Petrostates? Gone. Saudi Arabia? Kuwait? Iran? Canada? Russia? Venezuela? Welcome to the Thunderdome. Prepare to rediscover the "wonders" of violet nomadic gangs and repressive warlords fighting for scraps. In Russia's case— holy shit. Because if the Russian government were to fall due to an oil-sparked GFC and warlords fought for control, they'd also gain control of Russia's many thousands of nukes. That would be good for no one at all. Russia already took a bad hit from the oil price collapse, to the point they've been in a sanction-enhanced recession for two years now, a recession they're only just beginning to crawl out of. If the oil industry imploded completely due to this Burn-Hot-Burn-Out scenario, Russia as a nation is done for. And Saudi Arabia takes it up the ass even worse, because as I've been saying for years now— the government is the one that's progressive, believe it or not. Much of Saudi Arabia's population thinks the government is actually too progressive and that they need to come down hard on heretics, degenerates, and the like. Ultraconservative Wahhabists in the Middle East make ultraconservative Protestants in the US look like tolerant liberals, as we've seen with ISIS. Do you really want them gaining control over such a large territory?
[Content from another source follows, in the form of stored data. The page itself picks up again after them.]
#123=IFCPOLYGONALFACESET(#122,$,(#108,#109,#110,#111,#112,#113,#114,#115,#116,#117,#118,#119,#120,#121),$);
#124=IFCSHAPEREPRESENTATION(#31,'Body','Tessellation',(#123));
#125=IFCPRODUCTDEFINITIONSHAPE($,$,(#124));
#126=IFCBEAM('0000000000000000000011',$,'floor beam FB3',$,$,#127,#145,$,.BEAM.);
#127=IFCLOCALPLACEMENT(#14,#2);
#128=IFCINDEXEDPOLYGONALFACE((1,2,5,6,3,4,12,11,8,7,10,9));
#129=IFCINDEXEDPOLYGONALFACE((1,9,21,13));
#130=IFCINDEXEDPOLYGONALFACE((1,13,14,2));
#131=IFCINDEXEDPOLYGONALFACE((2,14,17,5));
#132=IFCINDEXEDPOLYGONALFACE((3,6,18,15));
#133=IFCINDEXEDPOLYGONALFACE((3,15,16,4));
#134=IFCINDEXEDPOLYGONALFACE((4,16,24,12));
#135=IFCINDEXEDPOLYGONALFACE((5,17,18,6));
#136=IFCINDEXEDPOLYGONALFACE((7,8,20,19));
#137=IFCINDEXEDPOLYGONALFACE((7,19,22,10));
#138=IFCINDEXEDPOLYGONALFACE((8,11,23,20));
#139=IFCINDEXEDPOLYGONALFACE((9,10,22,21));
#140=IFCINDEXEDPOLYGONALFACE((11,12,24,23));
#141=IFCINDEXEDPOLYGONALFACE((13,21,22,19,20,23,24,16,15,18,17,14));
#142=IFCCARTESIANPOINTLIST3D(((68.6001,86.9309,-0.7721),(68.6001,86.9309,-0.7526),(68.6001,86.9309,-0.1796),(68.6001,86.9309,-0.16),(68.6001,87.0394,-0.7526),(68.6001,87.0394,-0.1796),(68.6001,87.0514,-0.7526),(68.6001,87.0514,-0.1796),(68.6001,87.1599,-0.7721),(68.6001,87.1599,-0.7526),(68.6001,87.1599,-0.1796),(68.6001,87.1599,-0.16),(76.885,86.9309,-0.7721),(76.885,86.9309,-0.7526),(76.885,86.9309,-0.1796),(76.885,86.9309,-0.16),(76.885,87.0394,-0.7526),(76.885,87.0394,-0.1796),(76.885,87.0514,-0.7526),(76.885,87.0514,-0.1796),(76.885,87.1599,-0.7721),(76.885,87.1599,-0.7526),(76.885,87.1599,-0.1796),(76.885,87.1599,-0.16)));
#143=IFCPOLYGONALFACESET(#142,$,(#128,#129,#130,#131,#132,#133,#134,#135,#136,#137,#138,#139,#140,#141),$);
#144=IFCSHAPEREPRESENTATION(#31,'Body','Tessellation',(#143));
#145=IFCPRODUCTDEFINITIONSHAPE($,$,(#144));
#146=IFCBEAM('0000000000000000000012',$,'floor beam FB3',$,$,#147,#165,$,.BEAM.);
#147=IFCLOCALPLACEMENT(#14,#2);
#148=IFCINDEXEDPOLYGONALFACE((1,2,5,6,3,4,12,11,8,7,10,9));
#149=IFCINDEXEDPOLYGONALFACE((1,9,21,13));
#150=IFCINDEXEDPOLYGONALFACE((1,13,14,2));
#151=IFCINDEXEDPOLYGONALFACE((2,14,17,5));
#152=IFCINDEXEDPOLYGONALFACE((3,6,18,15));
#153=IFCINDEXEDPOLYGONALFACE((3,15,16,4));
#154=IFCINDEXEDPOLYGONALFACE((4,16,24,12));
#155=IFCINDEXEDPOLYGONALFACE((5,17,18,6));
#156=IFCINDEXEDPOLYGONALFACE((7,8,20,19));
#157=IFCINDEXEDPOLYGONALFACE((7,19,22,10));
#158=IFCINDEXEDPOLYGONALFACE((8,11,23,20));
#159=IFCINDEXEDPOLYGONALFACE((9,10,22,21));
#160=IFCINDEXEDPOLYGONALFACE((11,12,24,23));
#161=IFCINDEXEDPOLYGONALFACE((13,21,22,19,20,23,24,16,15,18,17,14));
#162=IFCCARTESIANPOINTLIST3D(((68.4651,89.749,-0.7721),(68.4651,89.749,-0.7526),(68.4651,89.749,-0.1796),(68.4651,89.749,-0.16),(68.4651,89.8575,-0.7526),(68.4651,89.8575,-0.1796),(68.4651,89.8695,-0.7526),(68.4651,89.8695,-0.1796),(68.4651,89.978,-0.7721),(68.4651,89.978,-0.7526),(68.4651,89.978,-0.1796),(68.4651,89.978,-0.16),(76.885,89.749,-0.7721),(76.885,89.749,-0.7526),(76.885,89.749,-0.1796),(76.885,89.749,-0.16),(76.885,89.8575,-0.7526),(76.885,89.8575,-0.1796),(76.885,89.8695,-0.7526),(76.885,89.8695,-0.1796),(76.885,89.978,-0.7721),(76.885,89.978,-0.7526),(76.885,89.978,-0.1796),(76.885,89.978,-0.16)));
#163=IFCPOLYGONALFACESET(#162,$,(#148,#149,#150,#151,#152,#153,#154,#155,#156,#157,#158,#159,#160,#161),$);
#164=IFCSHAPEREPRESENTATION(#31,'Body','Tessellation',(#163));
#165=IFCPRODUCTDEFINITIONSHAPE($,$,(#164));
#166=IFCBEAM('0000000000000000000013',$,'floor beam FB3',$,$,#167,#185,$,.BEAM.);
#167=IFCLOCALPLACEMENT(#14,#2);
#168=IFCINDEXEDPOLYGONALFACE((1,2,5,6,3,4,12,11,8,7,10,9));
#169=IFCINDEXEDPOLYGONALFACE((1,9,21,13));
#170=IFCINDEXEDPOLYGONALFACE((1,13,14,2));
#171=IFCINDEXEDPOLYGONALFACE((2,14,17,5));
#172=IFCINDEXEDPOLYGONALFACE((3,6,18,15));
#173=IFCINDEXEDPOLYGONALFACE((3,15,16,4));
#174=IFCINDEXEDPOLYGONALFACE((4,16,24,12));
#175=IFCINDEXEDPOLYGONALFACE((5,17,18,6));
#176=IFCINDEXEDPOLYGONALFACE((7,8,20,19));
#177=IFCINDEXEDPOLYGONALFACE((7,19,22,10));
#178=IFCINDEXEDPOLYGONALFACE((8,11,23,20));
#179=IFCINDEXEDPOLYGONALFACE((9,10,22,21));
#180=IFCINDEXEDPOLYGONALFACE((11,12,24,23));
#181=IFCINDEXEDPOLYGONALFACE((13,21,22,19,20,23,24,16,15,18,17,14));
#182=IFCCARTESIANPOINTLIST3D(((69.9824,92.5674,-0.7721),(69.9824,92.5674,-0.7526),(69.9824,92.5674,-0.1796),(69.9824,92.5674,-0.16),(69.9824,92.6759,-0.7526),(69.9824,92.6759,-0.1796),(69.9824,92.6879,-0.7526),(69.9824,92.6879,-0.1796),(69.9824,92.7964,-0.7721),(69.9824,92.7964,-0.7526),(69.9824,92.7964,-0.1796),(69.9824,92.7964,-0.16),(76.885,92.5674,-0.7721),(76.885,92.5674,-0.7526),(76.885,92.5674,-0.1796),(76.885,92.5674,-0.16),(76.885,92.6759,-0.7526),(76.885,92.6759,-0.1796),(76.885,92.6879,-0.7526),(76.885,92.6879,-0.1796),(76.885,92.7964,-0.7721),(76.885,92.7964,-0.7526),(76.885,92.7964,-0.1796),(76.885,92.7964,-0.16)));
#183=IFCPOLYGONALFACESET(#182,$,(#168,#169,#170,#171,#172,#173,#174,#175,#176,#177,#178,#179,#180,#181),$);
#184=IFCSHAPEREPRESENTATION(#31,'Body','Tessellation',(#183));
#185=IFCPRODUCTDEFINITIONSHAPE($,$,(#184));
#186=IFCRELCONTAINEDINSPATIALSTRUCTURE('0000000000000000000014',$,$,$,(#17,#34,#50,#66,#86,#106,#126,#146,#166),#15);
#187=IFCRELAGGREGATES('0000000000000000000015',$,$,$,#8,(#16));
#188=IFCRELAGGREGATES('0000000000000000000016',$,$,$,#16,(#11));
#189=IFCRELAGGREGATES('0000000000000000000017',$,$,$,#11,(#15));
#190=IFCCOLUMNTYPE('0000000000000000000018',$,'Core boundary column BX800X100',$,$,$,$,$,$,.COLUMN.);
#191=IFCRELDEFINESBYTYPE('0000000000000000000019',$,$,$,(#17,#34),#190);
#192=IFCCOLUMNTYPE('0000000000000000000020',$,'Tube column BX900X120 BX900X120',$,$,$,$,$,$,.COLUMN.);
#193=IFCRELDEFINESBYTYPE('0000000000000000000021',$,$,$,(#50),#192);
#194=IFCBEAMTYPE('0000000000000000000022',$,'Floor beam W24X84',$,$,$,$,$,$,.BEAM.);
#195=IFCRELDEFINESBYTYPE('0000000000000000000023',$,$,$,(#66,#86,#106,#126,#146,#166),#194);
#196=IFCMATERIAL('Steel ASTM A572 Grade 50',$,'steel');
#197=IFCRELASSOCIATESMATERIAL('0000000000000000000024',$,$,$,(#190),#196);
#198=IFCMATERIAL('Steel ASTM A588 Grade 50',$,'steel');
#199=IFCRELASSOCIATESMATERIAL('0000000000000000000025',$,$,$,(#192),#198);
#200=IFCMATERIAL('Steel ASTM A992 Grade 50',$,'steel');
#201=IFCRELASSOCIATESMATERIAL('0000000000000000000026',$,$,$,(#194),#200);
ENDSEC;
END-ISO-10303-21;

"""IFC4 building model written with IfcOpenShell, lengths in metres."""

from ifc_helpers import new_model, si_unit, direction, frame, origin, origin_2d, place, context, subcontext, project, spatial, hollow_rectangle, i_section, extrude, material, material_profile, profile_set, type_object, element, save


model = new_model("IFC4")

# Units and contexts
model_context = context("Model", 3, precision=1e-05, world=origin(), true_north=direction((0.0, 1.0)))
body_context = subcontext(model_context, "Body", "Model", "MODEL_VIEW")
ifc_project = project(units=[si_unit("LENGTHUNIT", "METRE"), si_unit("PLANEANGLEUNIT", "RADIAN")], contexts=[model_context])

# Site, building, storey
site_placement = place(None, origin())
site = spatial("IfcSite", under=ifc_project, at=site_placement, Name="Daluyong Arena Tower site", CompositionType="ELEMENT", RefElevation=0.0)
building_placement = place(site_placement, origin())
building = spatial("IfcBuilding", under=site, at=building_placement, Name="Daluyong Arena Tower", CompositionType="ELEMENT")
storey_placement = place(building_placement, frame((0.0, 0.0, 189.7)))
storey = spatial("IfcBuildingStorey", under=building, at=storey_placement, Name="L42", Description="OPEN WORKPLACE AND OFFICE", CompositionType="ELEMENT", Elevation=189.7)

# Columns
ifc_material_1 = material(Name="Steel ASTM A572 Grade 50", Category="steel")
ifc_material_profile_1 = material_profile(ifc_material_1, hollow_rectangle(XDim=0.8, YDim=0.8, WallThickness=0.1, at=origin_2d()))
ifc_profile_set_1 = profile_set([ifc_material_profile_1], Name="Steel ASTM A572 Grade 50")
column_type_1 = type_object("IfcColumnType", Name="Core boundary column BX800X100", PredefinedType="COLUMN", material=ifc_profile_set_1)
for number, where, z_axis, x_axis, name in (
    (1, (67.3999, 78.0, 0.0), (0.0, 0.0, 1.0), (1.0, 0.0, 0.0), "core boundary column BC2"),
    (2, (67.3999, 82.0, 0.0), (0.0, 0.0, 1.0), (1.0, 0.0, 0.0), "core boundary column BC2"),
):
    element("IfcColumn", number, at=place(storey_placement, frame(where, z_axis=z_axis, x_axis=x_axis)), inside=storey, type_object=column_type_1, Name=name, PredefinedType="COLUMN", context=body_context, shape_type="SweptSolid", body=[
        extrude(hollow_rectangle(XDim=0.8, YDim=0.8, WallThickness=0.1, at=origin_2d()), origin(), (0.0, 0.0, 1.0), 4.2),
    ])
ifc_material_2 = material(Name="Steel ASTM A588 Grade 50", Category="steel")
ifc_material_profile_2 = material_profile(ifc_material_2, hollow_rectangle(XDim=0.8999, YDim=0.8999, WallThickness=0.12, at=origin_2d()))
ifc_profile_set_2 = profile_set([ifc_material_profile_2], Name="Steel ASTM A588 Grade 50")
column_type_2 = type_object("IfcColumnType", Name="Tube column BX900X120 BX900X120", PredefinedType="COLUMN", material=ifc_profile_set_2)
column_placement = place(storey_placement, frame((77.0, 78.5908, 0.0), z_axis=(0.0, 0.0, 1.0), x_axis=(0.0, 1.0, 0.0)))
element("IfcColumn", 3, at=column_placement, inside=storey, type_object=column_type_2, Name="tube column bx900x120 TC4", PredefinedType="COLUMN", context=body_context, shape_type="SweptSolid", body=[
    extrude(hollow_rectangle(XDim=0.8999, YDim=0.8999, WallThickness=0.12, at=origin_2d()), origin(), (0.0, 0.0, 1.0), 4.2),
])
That's what would happen if oil prices reached $500 or, heaven forbid, $1,000 a barrel. That is a collapse.
But right now? Oil prices are hovering around $50. They've gotten back up from their previous lows in the 20's, but everyone's expecting them to fall back into the $40 or even $30 range just in time for Christmas. What's more, the oil shock spooked many of these aforementioned petrostates into diversifying their portfolios. Yes, even Saudi fucking Arabia, whose whole nation is supposed to be one giant oil corporation. This "Invisible Recession" of 2015-2016 may have wound up preventing a greater financial calamity precisely because of these effects. Also, there's no one "good" option with oil being too high or too low, after all. If oil prices are too high, oil companies get rich and fat— but that also spurs green investment and they get less business from petroleum. If oil prices are too low, they net far fewer profits (to the point many companies go bankrupt) but they also get much more business. Oil being around $60-$80 a barrel would be the best for that industry, but no one knows if it'll be able to climb back up there.
The oil collapse wound up doing something that seems the antithesis to a total collapse as well— it's leading to one of the greatest transfers of wealth in human history. Trillions of dollars are flowing right back into the hands of the working/middle classes due to all that money we're saving from low oil prices. The drawback being, these trillions of dollars are going into the hands of the working/middle classes only in some places. Primarily those places that aren't dependent upon the oil industry. For example— cities are booming. Businesses are seeing more sales. Truck drivers are getting bonuses. More people are flying. We have more money to spend.
Where oil is the region's lifeblood, however, you're seeing Great Recession-level discontent and upheaval. Look at Alberta, Canada, or to Texas, USA. Look at Venezuela, which has become a dystopian, neo-Eastern Bloc hellhole. That's where there is a Great Depression going on. Russia is where we're seeing a Great Recession. Need I even say anything about the Middle East? Hence why I called it a "lopsided recession."
So yes, that's my dissertation about why we're not going to see a new Great Depression this year. Oil is far too cheap for there to be a collapse. The petrocrats did it to themselves.
I mentioned that the oiligarchs would either deny that the end is nigh or try to get their cronies to convince us that this is actually a bad thing. Hence why you kept seeing articles proclaiming that "Cheap Oil Will Doom Us All". That's because they want oil prices to reach $500 a barrel. Damn the world, as long as it means they get to become trillionaires for a brief period of time. But it's just not happening.